While not as elegant as likelihood and Bayesian evidence measures, they do have a lot of practical merit in terms of preventing the cognitive errors so frequently discussed. They also make a good compare/contrast to the benefits of specifying 1 model (as in Fisher’s method) vs. 2 models (as in likelihood/Bayesian frameworks).

Much of the theory has been worked out by Kulinskaya, Morgenthaler, and Stadute in their text
Meta Analysis: A Guide to Calibrating and Combining Statistical Evidence

This metric also plays an important role in adaptive trial designs as described Mark Chang in
Introductory Adaptive Trial Designs: A Practical Guide with R

About 7 months ago, I was the clinical instructor of someone preparing to enter the field of physical rehabilitation. I was looking at her test prep materials and came across a question on p values that I knew was wrong. It was something along the lines of:

Blockquote
You have read 3 studies on an intervention. The p values are 0.6, 0.06, and 0.01 in favor of treatment. [I assume they are 2 tailed]. In terms of evidence based practice, what should you do?"

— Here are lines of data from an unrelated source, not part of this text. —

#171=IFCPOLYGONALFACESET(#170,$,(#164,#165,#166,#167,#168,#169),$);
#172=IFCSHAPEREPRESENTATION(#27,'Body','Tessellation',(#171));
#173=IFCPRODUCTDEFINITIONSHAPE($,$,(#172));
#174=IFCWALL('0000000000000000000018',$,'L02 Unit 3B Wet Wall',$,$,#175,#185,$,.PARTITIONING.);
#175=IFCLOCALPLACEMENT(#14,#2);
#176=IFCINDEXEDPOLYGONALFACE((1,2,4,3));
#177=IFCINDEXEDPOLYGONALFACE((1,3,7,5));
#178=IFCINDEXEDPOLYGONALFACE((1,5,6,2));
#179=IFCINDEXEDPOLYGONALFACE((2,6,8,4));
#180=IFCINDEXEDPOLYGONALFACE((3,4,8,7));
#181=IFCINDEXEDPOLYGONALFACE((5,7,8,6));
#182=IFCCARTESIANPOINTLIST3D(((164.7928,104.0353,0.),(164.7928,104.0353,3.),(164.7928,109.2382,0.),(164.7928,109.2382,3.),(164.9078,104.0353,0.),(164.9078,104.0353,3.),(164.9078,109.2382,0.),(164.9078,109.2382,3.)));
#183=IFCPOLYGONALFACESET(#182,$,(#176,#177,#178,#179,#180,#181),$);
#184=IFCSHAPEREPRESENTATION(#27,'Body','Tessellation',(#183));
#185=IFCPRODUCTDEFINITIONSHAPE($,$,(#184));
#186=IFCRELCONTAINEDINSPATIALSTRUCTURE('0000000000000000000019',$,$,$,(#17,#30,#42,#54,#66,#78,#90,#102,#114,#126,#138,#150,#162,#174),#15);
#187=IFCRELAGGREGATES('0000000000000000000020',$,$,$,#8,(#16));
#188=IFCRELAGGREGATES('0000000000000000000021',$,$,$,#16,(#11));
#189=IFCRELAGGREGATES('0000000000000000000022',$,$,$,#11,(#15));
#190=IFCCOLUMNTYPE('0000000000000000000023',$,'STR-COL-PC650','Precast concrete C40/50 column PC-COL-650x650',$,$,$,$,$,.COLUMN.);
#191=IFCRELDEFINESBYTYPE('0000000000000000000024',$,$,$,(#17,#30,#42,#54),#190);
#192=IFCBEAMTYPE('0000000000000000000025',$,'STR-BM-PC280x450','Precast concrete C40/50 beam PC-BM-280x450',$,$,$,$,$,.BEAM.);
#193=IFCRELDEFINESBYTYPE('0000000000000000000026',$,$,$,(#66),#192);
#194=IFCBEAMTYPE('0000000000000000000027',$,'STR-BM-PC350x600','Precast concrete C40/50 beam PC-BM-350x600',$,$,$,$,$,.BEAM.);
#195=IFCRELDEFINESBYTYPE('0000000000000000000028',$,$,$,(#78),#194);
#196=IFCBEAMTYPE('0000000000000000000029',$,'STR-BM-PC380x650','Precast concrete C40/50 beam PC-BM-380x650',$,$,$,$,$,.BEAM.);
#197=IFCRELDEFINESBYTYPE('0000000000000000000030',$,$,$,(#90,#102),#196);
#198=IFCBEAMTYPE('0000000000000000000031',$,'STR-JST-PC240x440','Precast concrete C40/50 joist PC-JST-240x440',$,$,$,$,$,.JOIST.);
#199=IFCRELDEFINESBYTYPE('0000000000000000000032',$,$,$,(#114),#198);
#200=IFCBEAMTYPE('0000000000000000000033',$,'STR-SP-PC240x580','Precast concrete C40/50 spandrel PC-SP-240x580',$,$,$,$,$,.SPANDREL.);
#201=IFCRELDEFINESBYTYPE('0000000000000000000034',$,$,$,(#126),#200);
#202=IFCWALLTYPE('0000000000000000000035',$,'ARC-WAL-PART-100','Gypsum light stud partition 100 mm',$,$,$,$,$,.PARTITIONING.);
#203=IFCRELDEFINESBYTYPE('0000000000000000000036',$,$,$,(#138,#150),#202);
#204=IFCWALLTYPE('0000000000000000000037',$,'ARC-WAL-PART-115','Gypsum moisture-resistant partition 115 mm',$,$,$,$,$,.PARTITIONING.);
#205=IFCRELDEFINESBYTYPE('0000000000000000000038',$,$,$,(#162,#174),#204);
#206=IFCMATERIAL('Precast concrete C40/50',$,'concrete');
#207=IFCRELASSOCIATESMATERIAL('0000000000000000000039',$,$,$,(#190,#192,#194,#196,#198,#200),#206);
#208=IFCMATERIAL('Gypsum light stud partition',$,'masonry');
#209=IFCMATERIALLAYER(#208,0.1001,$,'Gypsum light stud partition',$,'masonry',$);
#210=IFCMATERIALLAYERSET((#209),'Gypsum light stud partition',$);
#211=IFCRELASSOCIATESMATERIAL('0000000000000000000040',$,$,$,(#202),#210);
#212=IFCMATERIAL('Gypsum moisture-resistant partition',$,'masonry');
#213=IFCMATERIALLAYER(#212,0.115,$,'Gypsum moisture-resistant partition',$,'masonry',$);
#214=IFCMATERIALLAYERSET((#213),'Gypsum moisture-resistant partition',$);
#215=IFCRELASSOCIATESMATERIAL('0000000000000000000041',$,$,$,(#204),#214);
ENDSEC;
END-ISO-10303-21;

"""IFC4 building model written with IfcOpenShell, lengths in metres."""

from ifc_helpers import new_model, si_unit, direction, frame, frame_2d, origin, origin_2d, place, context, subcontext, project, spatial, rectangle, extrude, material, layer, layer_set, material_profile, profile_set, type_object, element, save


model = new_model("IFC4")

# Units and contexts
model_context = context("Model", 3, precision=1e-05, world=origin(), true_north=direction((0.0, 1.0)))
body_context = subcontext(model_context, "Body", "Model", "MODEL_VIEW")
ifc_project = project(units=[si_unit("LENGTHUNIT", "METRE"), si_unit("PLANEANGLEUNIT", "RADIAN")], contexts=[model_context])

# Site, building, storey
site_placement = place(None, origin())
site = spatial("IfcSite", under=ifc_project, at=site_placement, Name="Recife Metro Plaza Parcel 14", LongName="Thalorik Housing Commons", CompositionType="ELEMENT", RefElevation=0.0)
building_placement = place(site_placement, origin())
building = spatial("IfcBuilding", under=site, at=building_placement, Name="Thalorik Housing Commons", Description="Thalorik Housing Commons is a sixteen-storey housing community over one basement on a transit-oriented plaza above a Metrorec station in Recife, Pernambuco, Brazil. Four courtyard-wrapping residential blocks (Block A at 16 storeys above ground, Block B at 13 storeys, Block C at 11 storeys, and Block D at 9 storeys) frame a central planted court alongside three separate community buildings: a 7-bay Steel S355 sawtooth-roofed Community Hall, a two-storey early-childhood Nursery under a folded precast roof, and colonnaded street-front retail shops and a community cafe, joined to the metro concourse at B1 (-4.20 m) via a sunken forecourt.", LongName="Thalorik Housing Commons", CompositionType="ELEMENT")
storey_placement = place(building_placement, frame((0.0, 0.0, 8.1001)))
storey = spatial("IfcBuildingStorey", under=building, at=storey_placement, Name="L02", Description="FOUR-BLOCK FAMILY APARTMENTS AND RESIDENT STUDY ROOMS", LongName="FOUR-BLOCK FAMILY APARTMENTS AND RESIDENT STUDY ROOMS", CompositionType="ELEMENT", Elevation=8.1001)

The “right” answer was something like “Do not use the intervention until there is better evidence.”

Suffice it to say, I showed her why it was wrong (including reading the Greenland, Senn, et. al. piece on p value misconceptions, and the ASA p value statement). At the time, I advised her to look at an aggregate effect sizes and condition on the actual data, and focus less on the hypothesis test formulation.

I also told her that this naive viewpoint was simplistic in terms of not accounting for publication bias, but in terms of reasoning about evidence, it was closer to the correct approach than the book’s guidance.

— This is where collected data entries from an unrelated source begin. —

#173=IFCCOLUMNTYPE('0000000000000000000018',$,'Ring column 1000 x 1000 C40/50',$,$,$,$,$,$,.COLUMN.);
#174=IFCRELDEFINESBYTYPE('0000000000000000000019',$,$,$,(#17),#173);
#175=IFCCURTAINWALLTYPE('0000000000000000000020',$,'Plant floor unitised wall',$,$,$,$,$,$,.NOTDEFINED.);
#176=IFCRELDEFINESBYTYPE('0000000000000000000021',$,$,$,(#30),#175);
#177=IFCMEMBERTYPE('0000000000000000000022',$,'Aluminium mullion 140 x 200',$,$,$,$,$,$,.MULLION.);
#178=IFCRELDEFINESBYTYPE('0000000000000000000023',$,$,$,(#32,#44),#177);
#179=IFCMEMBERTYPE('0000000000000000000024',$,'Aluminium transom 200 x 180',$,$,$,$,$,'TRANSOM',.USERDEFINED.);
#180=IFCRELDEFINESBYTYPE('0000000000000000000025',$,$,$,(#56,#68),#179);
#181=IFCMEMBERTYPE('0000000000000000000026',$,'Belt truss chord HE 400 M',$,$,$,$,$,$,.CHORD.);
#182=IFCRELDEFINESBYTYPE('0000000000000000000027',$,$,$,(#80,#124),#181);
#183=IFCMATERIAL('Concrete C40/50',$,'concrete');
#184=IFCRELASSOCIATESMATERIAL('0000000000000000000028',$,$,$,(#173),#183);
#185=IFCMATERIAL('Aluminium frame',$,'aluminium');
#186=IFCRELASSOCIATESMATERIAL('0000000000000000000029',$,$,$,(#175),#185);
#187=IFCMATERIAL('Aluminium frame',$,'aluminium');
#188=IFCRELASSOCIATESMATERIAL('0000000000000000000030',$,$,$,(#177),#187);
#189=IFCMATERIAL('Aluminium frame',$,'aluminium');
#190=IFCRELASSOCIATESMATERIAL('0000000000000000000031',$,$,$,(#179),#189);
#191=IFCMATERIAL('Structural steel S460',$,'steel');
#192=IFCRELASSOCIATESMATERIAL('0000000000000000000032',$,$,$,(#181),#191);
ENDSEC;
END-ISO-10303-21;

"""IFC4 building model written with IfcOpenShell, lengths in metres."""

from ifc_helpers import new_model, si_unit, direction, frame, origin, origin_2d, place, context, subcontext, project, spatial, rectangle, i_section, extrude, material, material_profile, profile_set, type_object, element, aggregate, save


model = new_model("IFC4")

I didn’t want to get into the lack of power of “vote count” meta-analysis techniques, but maybe I should have.

I wasn’t all that satisfied with my answer; I didn’t think it would be persuasive enough to convince any test prep authors to change the question. But the P value transform technique would.

In the example I posed, if we were to use the p value combination technique in a meta-analysis, we would perform \frac{\Sigma\Phi^{-1}(1 - p_n/2)}{\sqrt{n}} (assuming the reported p value is 2 tailed) as in the Stouffer test without sample sizes. Lipak’s weighted version would be preferable if we had them available. The evidence is a random quantity (just like p) with a standard error of \pm 1. It provides evidence of direction if we do not have the actual effect size.

In our naive “hypothesis testing” version, our meta-analysis would “reject” the null of no effect in any study with p = 0.002, when I do this in a spreadsheet. But we can keep the metric as a continuous quantity. Kulinskaya et. al. would say there is “weak” to “moderate” evidence of a positive effect. “Weak” evidence is between 1.64 and 3.3. Moderate is between 3.33 and 5. Strong is > 5.